Your system has no way to determine the free space on a disk. This causes the MinFreeBlocks option (MinFreeBlocks) to be ignored.

SFS_USTAT

Your system uses the ustat(2) system call to get information about mounted filesystems.

SFS_4ARGS

Your system uses the four-argument form of the statfs(2) system call and <sys/statfs.h>. If you define this, you can also define SFS_BAVAIL as the field name for the statfs C-language structure (by default, f_bavail).

SFS_VFS

Your system uses the two-argument form of the statfs(2) system call and <sys/vfs.h>.

SFS_MOUNT

Your system uses the two-argument form of the statfs(2) system call and <sys/mount.h>.

SFS_STATFS

Your system uses the two-argument form of the statfs(2) system call and <sys/statfs.h>.

SFS_STATVFS

Your system uses the statvfs(2) system call.

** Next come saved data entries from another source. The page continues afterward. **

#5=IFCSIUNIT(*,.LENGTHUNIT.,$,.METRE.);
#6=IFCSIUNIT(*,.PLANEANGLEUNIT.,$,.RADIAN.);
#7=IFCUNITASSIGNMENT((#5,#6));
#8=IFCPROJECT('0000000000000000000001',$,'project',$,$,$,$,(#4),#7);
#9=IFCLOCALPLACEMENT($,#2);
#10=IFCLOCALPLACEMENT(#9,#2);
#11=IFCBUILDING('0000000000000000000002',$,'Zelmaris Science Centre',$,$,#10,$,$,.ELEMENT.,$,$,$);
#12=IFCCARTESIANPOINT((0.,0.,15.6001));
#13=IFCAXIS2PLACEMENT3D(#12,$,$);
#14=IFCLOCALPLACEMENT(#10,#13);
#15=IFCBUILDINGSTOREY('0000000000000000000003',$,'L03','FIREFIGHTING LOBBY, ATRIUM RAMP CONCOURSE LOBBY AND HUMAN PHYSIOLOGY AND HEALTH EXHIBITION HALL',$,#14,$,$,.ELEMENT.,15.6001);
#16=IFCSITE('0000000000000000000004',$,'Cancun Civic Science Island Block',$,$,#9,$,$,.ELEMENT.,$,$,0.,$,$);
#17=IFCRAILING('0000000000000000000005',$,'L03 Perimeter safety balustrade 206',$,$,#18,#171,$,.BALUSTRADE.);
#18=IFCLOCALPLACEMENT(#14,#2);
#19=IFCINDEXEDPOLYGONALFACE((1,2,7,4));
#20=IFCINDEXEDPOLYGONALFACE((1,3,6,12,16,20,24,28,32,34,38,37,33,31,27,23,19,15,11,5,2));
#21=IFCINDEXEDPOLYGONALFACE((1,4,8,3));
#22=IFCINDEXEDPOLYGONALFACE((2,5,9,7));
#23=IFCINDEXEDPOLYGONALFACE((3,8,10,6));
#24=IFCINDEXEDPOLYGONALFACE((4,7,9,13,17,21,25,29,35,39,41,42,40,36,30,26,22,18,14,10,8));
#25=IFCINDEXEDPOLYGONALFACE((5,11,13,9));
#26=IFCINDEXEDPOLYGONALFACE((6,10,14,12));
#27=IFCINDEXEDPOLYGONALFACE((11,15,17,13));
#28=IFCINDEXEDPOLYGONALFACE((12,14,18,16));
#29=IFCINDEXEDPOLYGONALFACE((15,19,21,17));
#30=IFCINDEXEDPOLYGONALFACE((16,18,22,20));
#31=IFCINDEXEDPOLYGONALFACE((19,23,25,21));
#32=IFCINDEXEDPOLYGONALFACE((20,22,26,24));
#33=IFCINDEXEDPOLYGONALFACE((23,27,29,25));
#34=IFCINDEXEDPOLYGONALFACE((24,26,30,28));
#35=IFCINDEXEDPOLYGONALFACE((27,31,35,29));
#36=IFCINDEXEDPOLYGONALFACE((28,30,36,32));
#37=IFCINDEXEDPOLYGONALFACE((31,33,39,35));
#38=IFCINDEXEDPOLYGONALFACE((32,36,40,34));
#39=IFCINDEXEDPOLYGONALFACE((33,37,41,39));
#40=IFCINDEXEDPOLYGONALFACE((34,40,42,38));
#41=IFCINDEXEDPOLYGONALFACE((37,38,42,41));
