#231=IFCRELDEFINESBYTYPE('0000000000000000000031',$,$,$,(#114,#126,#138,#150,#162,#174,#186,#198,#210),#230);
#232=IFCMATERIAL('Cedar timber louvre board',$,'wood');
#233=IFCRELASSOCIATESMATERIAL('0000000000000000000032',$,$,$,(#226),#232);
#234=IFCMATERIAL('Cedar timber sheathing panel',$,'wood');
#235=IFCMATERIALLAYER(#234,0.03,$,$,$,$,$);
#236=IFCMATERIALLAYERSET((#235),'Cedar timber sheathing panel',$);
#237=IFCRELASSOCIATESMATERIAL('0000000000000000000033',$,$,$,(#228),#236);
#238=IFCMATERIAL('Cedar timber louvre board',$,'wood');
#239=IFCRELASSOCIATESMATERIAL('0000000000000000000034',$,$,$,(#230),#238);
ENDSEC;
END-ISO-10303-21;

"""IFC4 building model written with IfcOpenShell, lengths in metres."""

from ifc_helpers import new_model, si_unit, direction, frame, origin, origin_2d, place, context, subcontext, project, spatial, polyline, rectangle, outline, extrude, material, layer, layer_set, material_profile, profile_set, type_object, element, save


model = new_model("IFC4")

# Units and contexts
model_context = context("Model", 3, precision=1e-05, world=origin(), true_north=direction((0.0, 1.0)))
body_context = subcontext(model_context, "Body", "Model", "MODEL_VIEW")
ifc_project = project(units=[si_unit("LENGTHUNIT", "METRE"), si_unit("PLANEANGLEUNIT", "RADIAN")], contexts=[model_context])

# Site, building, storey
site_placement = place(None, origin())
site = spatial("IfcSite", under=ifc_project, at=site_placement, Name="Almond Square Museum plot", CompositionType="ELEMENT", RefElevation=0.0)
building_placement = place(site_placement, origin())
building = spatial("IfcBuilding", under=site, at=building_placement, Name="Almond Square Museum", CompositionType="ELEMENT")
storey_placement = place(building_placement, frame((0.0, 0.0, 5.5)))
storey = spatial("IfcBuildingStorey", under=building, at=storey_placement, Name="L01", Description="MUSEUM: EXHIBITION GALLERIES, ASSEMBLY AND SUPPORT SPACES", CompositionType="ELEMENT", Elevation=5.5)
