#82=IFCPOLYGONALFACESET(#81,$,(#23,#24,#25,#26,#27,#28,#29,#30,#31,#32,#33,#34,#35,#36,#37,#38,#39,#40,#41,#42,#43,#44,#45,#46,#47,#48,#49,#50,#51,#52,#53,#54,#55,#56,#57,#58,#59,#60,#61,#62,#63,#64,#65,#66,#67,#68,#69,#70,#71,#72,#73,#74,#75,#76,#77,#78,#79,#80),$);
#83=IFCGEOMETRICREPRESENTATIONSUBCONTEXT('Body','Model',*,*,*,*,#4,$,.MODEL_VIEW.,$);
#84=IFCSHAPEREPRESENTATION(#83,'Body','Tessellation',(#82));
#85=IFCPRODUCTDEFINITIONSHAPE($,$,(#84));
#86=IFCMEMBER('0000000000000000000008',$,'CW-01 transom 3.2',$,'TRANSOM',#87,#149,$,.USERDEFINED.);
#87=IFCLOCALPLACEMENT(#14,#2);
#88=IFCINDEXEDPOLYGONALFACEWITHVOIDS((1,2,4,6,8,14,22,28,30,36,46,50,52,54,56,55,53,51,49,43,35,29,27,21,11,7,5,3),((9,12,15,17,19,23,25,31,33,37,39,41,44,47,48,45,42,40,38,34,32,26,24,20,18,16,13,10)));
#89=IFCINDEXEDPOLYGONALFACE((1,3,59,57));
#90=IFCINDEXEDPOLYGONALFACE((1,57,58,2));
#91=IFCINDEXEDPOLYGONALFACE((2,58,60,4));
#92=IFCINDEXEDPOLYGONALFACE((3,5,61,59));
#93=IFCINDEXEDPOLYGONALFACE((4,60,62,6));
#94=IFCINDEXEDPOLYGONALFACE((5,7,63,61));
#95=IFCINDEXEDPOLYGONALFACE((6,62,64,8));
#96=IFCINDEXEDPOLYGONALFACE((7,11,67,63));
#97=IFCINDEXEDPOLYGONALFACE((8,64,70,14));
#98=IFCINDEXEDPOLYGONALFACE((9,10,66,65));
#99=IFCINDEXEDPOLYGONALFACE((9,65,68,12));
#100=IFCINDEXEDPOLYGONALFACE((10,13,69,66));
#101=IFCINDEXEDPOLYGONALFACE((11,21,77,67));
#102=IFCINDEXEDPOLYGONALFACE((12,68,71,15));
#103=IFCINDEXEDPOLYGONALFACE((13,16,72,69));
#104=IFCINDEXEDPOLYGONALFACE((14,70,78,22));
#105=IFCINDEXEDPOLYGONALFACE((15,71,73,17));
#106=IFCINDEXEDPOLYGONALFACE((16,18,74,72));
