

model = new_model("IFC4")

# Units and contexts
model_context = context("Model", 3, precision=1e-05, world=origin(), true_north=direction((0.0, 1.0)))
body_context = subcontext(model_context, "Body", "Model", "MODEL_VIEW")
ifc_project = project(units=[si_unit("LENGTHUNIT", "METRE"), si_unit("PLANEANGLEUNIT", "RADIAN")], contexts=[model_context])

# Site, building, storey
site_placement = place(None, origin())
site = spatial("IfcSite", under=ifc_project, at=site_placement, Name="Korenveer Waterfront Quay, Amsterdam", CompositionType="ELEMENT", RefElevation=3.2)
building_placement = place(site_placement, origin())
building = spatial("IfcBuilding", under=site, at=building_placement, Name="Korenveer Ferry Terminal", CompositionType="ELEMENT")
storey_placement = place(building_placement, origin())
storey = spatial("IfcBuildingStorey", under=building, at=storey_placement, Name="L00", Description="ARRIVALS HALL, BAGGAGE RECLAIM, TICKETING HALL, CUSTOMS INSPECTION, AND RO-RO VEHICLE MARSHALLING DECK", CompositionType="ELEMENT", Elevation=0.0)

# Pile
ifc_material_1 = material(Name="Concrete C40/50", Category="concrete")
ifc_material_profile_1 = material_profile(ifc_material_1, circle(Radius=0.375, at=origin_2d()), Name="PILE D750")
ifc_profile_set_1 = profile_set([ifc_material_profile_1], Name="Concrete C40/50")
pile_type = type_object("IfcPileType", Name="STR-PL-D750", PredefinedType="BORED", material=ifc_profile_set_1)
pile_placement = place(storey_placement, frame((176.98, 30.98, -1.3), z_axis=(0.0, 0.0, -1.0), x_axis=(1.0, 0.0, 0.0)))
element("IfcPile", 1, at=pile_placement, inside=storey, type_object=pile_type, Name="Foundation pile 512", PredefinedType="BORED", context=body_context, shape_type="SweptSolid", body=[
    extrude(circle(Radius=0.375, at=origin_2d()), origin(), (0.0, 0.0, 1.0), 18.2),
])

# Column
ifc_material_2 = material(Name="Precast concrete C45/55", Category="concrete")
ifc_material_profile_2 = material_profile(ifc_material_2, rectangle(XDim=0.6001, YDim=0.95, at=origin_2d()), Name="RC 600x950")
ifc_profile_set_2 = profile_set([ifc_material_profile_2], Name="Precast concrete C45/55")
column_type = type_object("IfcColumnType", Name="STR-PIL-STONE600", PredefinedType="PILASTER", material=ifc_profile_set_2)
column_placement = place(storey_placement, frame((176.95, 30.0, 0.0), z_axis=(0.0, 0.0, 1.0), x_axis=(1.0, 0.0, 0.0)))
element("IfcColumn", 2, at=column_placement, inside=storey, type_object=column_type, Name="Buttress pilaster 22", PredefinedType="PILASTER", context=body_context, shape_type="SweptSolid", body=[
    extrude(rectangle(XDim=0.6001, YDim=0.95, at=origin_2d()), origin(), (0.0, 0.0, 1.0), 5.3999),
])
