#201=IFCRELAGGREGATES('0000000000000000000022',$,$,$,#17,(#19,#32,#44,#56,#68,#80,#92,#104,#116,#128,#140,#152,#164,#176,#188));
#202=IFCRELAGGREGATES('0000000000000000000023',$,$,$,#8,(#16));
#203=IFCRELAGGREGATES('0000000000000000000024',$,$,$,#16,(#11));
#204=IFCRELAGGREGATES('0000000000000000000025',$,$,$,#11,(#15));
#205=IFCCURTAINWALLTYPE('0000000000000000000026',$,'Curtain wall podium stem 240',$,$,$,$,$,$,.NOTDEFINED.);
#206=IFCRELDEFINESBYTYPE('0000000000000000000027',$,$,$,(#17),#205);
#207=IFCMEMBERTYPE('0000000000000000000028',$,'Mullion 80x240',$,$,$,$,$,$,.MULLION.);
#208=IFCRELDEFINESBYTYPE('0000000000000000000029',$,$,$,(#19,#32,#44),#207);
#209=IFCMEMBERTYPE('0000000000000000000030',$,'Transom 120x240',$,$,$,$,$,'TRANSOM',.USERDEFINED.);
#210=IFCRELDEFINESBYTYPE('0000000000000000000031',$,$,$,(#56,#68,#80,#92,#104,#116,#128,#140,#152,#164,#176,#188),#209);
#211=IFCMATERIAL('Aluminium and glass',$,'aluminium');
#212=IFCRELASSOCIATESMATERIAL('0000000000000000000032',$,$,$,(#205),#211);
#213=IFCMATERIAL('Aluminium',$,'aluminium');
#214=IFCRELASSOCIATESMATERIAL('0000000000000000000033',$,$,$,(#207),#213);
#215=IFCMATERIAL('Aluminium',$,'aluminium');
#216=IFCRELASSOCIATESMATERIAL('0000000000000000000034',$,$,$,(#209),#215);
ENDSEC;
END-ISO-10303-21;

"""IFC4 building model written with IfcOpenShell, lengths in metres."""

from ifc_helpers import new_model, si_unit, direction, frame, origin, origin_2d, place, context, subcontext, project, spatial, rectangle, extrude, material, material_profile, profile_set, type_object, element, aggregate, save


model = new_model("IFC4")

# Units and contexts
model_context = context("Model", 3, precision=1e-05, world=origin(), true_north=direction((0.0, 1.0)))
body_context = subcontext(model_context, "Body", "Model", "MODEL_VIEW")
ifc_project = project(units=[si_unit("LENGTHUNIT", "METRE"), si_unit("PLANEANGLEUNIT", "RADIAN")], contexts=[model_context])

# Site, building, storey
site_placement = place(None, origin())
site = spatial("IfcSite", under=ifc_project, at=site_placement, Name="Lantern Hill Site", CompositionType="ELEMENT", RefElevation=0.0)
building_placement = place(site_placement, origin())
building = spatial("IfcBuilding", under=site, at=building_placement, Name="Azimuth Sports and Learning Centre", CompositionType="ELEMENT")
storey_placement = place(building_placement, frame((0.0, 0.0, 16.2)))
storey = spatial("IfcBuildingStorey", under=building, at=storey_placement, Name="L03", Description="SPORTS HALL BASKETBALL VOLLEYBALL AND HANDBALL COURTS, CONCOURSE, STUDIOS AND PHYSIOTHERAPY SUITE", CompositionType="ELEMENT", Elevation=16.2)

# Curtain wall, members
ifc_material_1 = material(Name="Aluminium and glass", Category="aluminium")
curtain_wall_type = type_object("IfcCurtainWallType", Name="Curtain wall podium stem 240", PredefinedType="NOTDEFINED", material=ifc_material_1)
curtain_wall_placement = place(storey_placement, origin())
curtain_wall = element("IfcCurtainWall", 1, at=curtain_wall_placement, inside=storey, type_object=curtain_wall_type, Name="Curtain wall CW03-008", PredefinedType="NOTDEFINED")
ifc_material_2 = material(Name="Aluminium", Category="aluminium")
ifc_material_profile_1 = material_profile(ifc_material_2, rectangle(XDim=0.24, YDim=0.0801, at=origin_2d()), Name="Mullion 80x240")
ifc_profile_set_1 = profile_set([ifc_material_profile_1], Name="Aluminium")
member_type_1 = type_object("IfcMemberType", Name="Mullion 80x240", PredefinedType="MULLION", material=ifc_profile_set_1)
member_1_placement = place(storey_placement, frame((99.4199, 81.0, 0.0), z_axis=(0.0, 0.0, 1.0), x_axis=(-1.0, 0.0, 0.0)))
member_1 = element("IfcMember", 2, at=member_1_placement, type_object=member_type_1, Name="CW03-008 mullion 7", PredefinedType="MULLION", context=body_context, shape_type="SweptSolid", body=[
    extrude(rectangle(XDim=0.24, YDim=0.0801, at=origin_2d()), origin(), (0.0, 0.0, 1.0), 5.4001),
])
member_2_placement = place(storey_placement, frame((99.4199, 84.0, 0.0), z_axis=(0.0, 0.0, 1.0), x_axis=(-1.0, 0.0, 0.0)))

In general, SFS_TYPE is correctly defined for all supported systems. You should need to modify it only if you are porting to a new system. To do so, you will need to edit sendmail/conf.h (include/sm/conf.h beginning with V8.12).

You can use the -d4.80 debugging switch (-d4.80) to watch sendmail check for enough disk space. The only way to tell whether a precompiled version of sendmail has this ability is by setting the MinFreeBlocks option to a positive value and watching the -d4.80 output. If bavail= in that output is always -1, no matter what, your support was defined as SFS_NONE.